Reuters reported on May 26 that the company, which is behind the WeChat messaging app, hopes to strengthen the development of fintech across the country, following the recent embrace of blockchain by the Chinese government. 

Tencent wants to expand to business services and will invest in 5G networks, Internet of Things (IoT) operating systems and large data centers, among others, 

Pandemic boosts blockchain interest in China

The tech giant said that the COVID-19 crisis had been a critical factor motivating companies to develop their cloud-based technology infrastructure.

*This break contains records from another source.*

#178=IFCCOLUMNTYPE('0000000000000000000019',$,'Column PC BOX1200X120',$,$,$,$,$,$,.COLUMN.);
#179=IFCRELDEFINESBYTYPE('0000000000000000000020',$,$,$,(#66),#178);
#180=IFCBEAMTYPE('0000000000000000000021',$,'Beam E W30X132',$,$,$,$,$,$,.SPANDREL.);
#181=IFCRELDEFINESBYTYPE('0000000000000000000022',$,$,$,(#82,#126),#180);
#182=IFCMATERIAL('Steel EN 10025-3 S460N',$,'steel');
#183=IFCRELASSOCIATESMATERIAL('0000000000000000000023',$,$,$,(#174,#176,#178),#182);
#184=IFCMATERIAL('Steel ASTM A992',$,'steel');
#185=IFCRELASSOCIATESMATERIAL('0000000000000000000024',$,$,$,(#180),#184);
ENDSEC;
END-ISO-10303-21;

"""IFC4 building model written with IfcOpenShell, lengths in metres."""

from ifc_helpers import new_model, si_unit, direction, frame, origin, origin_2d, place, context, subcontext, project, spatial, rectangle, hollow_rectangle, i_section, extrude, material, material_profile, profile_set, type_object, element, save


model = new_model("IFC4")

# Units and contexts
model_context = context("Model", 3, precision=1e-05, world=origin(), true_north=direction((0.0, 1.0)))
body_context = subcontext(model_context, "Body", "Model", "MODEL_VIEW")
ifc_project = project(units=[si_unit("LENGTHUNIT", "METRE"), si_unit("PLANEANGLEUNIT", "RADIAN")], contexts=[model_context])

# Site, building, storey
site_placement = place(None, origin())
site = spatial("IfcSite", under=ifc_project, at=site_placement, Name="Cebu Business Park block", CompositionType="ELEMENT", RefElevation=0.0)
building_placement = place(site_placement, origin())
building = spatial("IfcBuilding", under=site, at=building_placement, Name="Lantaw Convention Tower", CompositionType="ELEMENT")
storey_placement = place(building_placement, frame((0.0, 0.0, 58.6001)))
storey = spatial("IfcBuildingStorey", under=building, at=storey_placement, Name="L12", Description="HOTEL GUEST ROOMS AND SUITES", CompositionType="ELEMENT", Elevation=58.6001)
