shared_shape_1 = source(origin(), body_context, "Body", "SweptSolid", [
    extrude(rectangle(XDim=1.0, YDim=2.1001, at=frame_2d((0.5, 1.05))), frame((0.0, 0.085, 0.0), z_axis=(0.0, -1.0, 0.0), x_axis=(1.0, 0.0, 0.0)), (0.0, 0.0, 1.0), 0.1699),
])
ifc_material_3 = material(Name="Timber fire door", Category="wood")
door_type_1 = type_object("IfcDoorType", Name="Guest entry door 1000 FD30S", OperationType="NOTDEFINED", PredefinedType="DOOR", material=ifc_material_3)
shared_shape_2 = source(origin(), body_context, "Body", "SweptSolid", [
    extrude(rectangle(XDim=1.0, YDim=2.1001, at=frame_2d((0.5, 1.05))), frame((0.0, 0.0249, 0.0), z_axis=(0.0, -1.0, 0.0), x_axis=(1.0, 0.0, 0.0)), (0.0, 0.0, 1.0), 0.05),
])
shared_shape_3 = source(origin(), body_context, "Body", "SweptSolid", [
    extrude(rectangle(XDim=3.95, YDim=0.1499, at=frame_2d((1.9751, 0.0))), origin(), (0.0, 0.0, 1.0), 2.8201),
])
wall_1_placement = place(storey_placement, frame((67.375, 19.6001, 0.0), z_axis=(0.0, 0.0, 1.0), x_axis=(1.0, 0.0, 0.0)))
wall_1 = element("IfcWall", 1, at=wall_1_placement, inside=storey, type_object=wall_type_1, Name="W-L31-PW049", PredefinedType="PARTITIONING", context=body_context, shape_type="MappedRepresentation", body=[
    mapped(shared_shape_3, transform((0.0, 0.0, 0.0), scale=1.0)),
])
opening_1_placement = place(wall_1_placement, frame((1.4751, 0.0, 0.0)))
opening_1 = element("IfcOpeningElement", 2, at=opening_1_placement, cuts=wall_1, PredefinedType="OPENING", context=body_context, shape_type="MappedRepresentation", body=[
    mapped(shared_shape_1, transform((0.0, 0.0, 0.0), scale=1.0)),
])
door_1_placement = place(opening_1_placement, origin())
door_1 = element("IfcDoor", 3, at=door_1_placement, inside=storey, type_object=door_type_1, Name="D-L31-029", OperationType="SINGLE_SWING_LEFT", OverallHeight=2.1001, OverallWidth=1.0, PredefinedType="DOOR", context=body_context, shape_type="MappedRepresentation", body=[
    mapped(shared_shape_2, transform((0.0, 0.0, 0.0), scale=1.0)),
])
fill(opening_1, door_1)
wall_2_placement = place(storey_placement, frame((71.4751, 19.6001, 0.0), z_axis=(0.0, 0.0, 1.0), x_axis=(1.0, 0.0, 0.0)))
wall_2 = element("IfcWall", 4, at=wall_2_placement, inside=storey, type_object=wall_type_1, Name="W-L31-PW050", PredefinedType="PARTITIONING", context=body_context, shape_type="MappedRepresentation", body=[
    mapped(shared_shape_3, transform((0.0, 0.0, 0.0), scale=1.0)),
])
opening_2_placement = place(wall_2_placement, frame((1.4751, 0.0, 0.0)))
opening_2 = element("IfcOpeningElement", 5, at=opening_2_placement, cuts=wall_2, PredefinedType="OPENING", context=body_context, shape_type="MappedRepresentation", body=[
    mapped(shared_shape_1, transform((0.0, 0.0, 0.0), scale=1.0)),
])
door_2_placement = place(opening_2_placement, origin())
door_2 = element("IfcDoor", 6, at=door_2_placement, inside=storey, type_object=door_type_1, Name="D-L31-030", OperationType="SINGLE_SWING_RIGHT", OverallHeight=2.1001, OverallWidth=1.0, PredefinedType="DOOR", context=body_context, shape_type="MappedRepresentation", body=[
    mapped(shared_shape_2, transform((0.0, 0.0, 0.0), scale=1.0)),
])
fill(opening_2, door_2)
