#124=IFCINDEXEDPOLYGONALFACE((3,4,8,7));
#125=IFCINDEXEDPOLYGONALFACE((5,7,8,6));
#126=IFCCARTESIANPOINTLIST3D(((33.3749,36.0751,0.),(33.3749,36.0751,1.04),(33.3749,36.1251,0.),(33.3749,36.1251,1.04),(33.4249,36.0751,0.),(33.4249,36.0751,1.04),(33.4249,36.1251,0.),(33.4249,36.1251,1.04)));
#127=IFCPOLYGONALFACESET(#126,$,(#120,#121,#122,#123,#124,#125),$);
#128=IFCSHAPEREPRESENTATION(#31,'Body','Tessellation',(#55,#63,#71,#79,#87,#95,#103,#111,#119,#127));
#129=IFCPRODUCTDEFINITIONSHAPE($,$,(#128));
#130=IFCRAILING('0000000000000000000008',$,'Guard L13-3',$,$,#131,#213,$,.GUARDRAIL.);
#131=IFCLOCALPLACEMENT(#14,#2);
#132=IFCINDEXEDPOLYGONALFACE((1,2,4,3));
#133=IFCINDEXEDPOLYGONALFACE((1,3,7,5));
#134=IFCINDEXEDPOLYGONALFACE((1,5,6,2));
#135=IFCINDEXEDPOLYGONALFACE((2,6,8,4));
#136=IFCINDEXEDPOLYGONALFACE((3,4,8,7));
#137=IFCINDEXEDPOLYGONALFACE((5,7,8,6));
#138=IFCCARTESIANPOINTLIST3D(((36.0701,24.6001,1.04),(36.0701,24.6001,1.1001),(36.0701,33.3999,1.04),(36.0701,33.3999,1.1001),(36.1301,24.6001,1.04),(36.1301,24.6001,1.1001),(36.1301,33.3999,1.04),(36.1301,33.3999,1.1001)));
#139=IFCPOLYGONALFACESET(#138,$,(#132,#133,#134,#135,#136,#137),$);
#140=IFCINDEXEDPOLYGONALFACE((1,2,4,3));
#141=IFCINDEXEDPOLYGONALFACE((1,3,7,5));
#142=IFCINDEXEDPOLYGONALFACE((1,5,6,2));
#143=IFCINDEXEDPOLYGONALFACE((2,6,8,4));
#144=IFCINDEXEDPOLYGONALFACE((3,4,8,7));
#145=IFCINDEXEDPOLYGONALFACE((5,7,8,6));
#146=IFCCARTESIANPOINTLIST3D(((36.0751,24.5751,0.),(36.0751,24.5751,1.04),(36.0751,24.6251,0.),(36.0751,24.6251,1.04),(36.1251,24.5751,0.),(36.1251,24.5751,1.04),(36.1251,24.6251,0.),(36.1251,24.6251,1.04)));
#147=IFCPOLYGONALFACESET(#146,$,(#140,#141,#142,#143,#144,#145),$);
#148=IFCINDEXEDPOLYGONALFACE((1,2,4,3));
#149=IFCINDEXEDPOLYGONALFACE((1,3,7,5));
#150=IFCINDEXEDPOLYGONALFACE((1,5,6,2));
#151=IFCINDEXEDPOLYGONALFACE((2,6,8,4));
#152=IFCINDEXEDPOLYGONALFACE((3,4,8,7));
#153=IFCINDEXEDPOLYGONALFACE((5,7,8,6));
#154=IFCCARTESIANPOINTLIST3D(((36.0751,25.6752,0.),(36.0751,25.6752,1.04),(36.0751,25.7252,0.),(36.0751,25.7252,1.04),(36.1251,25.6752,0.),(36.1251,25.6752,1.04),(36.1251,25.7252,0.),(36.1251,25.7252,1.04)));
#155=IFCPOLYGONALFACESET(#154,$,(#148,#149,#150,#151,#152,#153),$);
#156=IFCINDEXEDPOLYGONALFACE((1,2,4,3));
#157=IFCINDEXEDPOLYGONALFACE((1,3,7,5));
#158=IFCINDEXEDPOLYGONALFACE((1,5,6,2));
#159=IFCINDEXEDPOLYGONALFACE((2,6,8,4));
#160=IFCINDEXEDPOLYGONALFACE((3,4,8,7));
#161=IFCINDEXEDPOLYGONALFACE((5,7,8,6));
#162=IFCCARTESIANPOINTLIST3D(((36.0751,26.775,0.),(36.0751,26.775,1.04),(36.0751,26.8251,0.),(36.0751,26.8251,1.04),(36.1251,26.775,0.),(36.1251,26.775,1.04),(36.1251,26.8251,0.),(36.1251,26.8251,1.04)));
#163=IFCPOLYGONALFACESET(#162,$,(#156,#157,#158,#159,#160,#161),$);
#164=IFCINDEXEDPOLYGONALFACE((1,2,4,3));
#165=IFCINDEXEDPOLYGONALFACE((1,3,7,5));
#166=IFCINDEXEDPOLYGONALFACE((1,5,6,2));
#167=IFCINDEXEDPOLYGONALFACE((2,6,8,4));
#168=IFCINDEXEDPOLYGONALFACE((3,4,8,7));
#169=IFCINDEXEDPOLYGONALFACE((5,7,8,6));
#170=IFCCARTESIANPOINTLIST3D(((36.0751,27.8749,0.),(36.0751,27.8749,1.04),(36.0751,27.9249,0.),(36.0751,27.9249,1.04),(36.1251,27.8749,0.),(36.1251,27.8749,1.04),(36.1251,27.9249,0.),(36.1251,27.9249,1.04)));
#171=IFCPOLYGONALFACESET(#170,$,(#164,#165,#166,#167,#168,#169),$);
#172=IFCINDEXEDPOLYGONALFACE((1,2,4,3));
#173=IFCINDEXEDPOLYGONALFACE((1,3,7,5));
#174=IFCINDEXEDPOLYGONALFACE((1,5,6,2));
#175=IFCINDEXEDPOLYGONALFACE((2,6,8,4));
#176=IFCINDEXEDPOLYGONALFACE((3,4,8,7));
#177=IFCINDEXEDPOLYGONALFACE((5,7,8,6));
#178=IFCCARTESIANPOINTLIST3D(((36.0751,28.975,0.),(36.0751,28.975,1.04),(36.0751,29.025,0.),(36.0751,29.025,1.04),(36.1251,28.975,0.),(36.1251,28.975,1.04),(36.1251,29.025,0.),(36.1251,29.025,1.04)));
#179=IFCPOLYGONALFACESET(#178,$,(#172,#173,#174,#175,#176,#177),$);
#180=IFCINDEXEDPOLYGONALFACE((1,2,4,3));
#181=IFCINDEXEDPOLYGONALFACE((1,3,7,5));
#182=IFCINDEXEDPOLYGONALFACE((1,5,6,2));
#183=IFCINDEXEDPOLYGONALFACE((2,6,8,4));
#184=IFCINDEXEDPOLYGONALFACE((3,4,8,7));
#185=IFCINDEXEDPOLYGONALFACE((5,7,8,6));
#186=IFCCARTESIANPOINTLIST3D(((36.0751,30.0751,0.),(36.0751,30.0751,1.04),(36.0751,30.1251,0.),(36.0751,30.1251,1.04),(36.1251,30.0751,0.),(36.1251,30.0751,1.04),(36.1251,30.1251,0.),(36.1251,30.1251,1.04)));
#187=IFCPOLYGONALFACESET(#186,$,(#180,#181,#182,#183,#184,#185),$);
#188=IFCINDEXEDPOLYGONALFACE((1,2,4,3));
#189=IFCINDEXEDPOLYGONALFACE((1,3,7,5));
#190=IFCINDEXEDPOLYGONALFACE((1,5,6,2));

According to Dowson Tong, senior executive vice president of Tencent, expediting this new infrastructure strategy “will help further cement virus containment success.”

Tencent’s financial support for blockchain technology builds on its recent announcement of strategic moves to cement its presence in blockchain development across China.

Chinese government adopts blockchain

Cointelegraph reported on April 30 that Tencent had opened applications for its new “Tencent Industrial Accelerator,” with a total of 30 places.

The National People’s Congress, China’s Parliament, and Chinese People’s Political Consultative Conference proposed a government-backed blockchain development fund on May 24 to build “a better governance system.”

Some provinces in China are also beginning to show interest in blockchain technology, such as Anhui, which has officially launched a blockchain platform for providing government services.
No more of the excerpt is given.